22 May 2025
10:00–11:30
Our presentation addresses an assignment we designed for our inter-institutional course collaboration between Literary Studies classes on Partition Fiction (FCCU) and the literature of exile and migration (FUS). The assignment focuses on the digital representation of the Partition of India, and requires students to develop interdisciplinary thinking, combining history, literature and digital studies.
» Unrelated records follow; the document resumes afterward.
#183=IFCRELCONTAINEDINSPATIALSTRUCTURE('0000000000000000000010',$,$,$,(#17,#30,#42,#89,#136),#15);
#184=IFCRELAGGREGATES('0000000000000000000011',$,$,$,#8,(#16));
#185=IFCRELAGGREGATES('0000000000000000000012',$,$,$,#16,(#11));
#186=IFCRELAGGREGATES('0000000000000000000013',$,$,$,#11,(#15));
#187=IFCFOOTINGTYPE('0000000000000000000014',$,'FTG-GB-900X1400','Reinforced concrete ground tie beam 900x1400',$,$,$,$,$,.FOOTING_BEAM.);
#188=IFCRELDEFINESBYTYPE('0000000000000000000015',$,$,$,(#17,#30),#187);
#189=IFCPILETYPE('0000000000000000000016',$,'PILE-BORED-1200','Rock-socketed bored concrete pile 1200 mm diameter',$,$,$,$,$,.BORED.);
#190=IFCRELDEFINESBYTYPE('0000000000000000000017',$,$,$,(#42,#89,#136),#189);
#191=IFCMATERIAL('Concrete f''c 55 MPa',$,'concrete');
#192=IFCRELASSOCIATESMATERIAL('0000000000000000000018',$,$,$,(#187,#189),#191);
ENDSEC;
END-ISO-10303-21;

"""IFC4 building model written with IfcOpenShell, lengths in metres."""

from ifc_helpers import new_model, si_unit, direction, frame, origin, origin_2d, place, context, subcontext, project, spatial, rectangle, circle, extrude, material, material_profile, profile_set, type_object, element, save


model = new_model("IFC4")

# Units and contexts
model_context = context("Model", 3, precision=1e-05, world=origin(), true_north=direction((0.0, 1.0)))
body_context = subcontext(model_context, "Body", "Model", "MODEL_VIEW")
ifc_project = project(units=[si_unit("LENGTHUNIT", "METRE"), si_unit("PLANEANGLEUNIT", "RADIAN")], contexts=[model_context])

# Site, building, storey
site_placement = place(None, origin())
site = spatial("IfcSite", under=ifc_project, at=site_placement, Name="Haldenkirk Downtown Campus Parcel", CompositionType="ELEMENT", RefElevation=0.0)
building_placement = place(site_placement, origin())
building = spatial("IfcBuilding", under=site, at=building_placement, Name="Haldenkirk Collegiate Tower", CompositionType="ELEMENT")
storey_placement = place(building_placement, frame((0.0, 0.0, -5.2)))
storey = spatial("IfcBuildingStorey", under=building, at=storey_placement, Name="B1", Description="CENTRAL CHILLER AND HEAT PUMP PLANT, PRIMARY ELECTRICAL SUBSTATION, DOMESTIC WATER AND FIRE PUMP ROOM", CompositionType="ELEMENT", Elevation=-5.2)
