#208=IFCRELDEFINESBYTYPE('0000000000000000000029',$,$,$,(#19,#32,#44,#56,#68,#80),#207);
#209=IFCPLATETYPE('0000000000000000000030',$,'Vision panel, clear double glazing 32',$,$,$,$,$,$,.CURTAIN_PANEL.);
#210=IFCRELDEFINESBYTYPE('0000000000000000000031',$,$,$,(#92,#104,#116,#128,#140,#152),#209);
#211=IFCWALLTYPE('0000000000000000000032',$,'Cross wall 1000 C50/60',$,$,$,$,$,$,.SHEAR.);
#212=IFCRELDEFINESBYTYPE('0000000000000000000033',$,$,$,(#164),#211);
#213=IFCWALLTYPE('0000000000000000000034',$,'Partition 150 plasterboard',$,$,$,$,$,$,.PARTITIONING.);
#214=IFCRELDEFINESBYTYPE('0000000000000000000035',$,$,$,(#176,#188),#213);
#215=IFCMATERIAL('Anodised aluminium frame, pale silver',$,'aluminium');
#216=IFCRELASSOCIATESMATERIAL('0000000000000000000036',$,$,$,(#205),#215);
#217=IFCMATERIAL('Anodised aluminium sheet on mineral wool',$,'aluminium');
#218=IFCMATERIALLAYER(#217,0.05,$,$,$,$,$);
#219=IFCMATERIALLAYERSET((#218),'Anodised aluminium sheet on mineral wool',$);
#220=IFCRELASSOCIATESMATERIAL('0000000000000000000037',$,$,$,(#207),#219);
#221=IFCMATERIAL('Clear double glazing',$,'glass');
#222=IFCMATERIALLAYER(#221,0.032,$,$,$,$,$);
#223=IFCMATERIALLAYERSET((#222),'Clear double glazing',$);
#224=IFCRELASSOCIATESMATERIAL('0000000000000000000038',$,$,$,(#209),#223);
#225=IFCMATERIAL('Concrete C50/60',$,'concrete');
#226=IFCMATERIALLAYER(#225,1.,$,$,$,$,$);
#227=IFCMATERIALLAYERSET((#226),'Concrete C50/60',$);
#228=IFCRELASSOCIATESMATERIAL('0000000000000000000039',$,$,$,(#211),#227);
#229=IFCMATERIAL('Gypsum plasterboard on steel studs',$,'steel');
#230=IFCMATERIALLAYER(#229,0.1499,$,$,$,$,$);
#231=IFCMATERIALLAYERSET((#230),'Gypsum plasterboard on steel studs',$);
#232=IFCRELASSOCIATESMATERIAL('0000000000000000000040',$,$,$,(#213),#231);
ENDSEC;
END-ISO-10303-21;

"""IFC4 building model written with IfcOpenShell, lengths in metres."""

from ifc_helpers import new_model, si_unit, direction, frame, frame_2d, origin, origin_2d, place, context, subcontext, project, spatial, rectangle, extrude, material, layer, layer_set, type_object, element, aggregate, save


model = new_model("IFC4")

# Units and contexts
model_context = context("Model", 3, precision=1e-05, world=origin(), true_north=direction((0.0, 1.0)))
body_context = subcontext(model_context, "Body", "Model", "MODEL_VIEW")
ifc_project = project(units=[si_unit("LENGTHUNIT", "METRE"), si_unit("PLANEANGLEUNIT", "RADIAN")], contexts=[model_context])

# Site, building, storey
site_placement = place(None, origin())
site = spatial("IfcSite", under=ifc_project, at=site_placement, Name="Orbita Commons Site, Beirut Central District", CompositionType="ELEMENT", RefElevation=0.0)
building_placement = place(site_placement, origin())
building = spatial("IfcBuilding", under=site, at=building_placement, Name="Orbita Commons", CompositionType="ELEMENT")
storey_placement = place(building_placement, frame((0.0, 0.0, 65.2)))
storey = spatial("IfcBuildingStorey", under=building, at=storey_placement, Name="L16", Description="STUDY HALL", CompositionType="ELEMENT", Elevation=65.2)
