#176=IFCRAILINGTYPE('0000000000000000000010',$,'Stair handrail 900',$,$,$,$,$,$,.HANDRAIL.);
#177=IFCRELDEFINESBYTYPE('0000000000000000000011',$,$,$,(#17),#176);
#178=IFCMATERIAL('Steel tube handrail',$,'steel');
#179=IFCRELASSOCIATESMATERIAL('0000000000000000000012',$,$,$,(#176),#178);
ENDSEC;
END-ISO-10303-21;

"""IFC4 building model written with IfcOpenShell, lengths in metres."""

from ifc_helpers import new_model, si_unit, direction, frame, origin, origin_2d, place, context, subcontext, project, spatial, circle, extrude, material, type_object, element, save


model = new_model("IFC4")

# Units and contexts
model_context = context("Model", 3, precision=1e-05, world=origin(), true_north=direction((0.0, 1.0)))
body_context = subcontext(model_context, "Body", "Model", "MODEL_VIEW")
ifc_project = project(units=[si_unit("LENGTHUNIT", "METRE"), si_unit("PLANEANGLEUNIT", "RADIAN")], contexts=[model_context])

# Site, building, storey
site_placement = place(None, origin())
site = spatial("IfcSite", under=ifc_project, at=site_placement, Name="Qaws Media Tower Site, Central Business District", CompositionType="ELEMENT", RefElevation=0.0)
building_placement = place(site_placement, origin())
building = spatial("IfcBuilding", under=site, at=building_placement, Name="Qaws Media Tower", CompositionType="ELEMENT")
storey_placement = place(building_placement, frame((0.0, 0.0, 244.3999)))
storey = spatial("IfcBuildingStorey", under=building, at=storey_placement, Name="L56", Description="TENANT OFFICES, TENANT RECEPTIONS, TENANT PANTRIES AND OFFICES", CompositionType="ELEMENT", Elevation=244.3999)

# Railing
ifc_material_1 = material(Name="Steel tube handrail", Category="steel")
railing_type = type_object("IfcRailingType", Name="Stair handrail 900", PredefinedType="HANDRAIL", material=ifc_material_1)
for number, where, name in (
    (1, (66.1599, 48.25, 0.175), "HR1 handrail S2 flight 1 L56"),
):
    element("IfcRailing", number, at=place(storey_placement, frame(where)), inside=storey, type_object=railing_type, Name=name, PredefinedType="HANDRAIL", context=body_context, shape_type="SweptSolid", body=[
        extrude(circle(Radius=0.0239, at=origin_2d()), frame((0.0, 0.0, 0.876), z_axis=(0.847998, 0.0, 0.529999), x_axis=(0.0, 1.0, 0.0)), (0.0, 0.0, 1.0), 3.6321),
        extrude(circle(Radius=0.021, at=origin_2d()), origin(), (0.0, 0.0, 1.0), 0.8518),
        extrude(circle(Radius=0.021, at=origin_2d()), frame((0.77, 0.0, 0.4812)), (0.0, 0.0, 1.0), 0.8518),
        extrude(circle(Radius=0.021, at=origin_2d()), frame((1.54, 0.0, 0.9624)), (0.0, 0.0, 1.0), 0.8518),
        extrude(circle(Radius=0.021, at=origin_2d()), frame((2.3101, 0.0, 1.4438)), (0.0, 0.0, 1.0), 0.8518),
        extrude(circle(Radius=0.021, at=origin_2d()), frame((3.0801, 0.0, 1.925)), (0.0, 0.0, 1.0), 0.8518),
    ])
Students, in groups of 4-5, were asked to select and examine example texts from a broad range of publicly-available online sources, such as online archives, social media, films, blogs and digital storytelling platforms, as well as to generate AI responses based on prompts, with the aim of sampling a cross-section of narrations and descriptions of Partition in different realms of the digital space. Within their selected sources, students identified what is included in the narrative and what is missing in order to analyze bias in the shaping of digital public memory. Each group then created a poster, using tools like images, charts and quotes to demonstrate their findings. The posters were presented by the students in an online session including both classes, and students were asked to reflect on lessons we can learn from Partition’s data-selective misrepresentation and on how Data Colonialism continues today and affects communities and the representation of events past and present. Our takeaway for other AMICAL institutions is the adaptability of this type of assignment and its steps to other contexts, in its emphasis on building awareness in students on the way in which digital content is curated and filtrated, and on supporting them in being able to identify and articulate digital bias.